When a bond offers a yield premium above comparable credits, that premium reflects a specific risk the market has priced. The analytical task is to understand whether that risk is fairly compensated, not to assume the yield is simply an opportunity.

Leverage Direction Matters as Much as Level

A company with elevated debt that is declining is a different credit proposition from one with moderate debt that is rising. Warner's deleveraging trend is constructive; Southeast Water's persistently high debt in a capital-intensive, regulated environment is a concern even though the absolute level looks manageable.

Refinancing Concentration Is a Standalone Risk

The clustering of debt maturities in a narrow window, as with Warner's 2027 obligations, represents a distinct and time-sensitive risk. Even an issuer improving its credit fundamentals can face significant market stress if a large refinancing falls due at an unfavourable moment.

Sovereigns Are Not Risk-Free by Default

Romania's example illustrates that government bonds denominated in a foreign currency can carry meaningful credit risk.

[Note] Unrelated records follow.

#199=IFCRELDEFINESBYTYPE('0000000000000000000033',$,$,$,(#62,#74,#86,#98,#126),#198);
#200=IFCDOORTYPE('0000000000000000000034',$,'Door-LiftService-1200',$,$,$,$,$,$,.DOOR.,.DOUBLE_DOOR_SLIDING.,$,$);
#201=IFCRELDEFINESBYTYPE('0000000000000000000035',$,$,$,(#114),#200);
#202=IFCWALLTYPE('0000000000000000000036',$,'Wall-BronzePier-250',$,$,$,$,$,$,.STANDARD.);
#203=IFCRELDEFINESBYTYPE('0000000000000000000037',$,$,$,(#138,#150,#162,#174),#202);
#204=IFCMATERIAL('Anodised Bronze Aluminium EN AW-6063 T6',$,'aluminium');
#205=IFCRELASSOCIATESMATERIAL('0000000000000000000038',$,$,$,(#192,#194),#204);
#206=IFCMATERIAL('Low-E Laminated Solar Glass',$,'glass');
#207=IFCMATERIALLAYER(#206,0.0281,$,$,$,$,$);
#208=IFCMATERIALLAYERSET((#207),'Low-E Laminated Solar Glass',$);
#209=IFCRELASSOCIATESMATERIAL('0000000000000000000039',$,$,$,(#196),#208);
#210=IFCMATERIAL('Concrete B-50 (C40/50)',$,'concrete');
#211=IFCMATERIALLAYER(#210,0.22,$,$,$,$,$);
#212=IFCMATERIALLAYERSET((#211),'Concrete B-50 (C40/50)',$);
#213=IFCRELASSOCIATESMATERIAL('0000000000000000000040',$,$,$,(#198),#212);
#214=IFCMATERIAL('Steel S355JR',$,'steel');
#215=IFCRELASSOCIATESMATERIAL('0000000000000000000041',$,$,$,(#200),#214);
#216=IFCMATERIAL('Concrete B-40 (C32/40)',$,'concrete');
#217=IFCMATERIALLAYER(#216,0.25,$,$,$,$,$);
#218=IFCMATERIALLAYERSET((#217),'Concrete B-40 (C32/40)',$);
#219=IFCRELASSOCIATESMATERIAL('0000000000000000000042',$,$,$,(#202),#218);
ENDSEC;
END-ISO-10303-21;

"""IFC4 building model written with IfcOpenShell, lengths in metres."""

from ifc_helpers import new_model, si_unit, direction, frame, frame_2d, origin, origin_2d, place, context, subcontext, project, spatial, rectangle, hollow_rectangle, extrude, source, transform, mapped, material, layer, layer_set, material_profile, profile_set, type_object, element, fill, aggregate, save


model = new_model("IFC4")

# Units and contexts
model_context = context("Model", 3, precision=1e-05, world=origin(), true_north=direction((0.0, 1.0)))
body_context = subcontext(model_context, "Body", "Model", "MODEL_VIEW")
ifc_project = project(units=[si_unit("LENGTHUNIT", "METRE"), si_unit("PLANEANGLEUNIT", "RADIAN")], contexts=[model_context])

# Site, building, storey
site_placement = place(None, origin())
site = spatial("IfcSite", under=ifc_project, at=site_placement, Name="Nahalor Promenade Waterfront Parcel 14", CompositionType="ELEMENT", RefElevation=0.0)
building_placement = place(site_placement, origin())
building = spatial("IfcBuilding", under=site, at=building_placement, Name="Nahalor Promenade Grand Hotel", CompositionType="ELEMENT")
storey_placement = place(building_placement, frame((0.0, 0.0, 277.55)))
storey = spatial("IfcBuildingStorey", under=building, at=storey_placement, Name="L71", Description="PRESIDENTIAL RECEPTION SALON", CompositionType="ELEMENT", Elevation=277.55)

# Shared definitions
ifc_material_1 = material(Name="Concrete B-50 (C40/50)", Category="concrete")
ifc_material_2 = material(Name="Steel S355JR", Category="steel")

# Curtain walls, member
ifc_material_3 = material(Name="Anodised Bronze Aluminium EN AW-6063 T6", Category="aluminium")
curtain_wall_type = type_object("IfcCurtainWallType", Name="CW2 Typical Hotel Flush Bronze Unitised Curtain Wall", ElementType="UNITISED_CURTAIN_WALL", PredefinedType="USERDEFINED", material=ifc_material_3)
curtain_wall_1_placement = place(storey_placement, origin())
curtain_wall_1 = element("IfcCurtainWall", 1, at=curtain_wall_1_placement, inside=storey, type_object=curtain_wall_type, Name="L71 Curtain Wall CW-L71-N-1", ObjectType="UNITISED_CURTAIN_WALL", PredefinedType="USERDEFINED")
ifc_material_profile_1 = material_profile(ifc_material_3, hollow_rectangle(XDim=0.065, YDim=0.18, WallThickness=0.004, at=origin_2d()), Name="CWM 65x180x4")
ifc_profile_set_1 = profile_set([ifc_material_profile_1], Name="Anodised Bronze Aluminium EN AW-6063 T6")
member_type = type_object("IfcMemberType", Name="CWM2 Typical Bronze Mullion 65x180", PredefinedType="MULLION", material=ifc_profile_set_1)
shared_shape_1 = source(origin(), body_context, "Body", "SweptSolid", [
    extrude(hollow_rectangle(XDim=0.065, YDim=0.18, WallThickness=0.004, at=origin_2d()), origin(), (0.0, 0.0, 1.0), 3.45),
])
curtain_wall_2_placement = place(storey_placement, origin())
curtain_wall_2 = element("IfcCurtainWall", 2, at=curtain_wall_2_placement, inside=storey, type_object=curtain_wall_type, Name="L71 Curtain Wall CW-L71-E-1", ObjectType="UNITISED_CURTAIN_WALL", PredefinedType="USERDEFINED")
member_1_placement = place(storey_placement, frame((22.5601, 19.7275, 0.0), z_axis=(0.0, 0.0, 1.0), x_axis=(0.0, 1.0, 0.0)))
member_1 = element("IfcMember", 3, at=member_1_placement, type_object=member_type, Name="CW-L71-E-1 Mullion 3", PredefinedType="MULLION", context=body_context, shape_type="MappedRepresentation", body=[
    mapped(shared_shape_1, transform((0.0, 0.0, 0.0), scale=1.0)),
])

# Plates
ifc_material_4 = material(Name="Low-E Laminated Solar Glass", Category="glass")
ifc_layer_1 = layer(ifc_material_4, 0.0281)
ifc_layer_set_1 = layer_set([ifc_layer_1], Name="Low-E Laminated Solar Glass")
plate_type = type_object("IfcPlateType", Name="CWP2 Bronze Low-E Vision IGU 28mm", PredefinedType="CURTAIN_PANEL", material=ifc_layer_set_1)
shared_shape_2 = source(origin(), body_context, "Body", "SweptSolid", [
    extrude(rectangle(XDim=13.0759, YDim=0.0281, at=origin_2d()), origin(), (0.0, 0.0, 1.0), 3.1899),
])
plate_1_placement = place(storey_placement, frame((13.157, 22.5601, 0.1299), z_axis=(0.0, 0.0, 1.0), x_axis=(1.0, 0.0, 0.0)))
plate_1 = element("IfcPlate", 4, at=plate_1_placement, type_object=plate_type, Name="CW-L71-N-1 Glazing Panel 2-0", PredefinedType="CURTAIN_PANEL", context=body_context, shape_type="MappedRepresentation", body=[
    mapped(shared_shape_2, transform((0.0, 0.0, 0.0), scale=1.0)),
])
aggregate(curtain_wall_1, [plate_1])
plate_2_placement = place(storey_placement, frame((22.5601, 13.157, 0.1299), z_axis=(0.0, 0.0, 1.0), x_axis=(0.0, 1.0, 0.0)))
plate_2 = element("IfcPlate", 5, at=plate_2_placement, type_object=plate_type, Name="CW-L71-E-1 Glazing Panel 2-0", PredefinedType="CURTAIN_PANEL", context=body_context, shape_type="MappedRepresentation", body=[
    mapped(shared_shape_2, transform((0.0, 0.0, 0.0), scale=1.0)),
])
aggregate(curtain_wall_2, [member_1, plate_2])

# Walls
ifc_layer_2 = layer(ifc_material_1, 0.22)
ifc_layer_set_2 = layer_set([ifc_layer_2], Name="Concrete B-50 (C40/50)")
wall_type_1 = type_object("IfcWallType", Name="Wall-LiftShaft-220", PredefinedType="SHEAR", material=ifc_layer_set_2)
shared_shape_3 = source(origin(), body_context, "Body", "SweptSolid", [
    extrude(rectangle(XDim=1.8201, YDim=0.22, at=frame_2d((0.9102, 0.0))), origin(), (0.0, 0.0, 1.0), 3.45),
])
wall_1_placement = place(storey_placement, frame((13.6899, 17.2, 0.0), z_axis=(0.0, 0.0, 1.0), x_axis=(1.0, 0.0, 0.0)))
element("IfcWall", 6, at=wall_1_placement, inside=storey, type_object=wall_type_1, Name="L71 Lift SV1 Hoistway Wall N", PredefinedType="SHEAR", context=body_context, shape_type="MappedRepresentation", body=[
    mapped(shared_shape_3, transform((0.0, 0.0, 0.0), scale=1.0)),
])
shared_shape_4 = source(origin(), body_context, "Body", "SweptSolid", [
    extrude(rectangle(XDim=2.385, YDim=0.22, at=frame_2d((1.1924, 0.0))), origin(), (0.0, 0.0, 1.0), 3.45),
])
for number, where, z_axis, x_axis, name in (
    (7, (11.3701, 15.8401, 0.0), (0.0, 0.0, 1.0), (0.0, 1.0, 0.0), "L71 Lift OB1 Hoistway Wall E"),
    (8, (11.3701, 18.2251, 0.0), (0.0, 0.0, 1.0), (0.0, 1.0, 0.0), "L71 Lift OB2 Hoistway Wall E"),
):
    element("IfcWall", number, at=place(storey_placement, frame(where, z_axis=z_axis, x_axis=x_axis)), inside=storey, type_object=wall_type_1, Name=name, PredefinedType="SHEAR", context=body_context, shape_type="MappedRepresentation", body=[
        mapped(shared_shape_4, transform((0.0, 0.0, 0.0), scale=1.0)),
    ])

The combination of persistent fiscal deficits, current account imbalances, high inflation, and a managed currency creates a vulnerability profile that markets price accordingly through sustained yield premiums.

Regulated Monopolies Can Still Default

The Thames Water episode demonstrated that essential service status and regulatory protection do not immunise a utility from credit distress. Southeast Water's situation underscores that the real risk for such issuers is often not sudden collapse but a slow, multiyear weakening of the credit story through debt accumulation and rating pressure.

Maturity Premium Is Separate from Credit Premium

Very long-dated bonds such as Warner's 2062 issue carry yield that reflects not only credit uncertainty but also the compensation required for locking up capital over an exceptionally long horizon. Investors should distinguish between these two components when assessing whether a bond is genuinely attractive.

Industry Disruption Compounds Corporate Credit Risk

For Warner Bros. Discovery and Paramount, the secular shift from linear television toward streaming introduces revenue uncertainty that sits alongside the balance sheet concerns. In industries undergoing structural change, even a company with good assets can face persistent pressure on its earnings capacity and, therefore, its debt serviceability.

Bond Selection Within an Issuer Also Matters

Not all bonds from the same issuer carry equal risk. The maturity date of a specific bond relative to the issuer's refinancing schedule, rating triggers, and operational outlook can make one bond from a given name significantly more or less attractive than another from the same entity.

This article does not constitute investment advice or personal recommendation. Investments in securities and other financial instruments always involve the risk of loss of your capital. Past performance is not a reliable indicator of future results. Bondfish does not recommend using the data and information provided as the only basis for making any investment decision. You should not make any investment decisions without first conducting your own research and considering your own financial situation.